When I was out-of-town a few years ago for an extended period of time, I had need to buy a small cheap tv. I ended up with a Daewoo. I think I got it at a Circuit City, or Fry's or Best Buy... Don't really remember. It was right around $100, is 20 inches and even after having moved it 2/3rds away cross country bouncing around in the back of a van it still works fine. Things like TiVo not readable and such not an issue.... I have had zero problems with it, and it is about 3.5 years old at this point and time.

I think buying cheap tvs is a major crapshoot where craps comes up all too often. That being said I have had blessed luck with tvs in my life. I can not even think of a single television I had that died or broke down on me. I have some tvs that are close to 20 years old still filling some sort of duty.


----------



## Missmaxx (Jun 30, 2006)

Sorry I cannot help you about your remote, but maybe the company can. I also own a 20 inch Flat Screen Polaroid, and after 2 years, I love it!


----------



## Edmund (Nov 8, 2002)

Polaroid Tv owners give the Mitsubishi tv codes a try.


----------



## kb7oeb (Jan 18, 2005)

Polaroid will whore out their brandname to anyone with cash, its a guess on who actually built the product.


----------



## jay_man2 (Sep 15, 2003)

kb7oeb said:


> Polaroid will whore out their brandname to anyone with cash, its a guess on who actually built the product.

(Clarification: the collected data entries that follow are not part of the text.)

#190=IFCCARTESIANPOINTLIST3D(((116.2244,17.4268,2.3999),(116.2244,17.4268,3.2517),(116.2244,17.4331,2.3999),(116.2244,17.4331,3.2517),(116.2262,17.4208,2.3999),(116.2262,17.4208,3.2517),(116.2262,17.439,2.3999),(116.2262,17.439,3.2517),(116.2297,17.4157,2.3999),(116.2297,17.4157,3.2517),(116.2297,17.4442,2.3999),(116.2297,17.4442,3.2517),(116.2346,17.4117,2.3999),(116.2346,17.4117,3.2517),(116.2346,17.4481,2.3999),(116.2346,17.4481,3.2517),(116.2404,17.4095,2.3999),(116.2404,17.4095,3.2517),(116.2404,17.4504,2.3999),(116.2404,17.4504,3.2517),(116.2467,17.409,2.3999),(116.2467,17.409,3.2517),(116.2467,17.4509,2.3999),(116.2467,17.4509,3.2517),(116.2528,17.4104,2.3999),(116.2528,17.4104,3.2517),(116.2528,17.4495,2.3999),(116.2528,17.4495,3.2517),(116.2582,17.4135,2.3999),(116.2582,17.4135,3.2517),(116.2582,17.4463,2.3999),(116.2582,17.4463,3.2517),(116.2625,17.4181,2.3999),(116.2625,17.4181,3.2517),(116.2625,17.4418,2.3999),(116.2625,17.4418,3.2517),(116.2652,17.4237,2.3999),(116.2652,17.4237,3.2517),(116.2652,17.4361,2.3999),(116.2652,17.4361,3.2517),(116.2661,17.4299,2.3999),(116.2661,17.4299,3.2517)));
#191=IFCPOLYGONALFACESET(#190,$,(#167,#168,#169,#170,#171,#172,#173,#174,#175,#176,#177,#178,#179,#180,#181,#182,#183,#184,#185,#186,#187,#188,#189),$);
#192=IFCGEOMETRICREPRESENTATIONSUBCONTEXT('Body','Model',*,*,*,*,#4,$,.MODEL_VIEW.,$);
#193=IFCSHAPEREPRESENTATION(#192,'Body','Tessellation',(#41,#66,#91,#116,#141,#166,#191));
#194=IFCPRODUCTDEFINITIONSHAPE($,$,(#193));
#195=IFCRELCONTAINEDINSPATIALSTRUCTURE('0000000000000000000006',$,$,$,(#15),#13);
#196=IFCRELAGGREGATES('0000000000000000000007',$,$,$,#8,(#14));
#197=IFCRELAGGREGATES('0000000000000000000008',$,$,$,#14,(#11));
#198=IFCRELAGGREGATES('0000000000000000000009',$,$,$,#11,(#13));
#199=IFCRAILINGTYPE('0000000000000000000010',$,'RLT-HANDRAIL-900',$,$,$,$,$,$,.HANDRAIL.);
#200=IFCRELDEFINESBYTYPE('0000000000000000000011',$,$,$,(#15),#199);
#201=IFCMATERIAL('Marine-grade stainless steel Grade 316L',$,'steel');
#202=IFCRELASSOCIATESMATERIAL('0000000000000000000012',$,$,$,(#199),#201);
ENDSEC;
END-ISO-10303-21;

Just like GE, Westinghouse, RCA, Zenith, Magnavox and Sylvania before them.


----------



## ccutler (Jul 7, 2003)

I just got the FLM-3232 32" Polaroid TV and the Mitsubishi code 0011 worked for me.


----------



## dylanemcgregor (Jan 31, 2003)

BTW, in case anyone is interested, the Magnavox I bought ended up having excellent PQ when I used component cables with my Humax DRT-800.


----------



## anom (Apr 18, 2005)

My Poloroid is still going strong after about 6 months. Still no luck with the remote codes though. I'll give the Mitsubishi ones a shot, although I think I already tried them.


----------



## TiVo Troll (Mar 23, 2006)

anom said:


> My Poloroid is still going strong after about 6 months. Still no luck with the remote codes though. I'll give the Mitsubishi ones a shot, although I think I already tried them.


Just for the halibut try 0053.


----------



## TiVoEvan74 (Sep 11, 2004)

Just came across this thread. If you're still tuning, dylan, which magnaox did you buy? We have the same Humax and are in the market for 20" bedroom TV, so your model would be of interest.

And does the TiVo remote handle the Magnavox?


----------



## dylanemcgregor (Jan 31, 2003)

TiVoEvan74 said:


> Just came across this thread. If you're still tuning, dylan, which magnaox did you buy? We have the same Humax and are in the market for 20" bedroom TV, so your model would be of interest.
> 
> And does the TiVo remote handle the Magnavox?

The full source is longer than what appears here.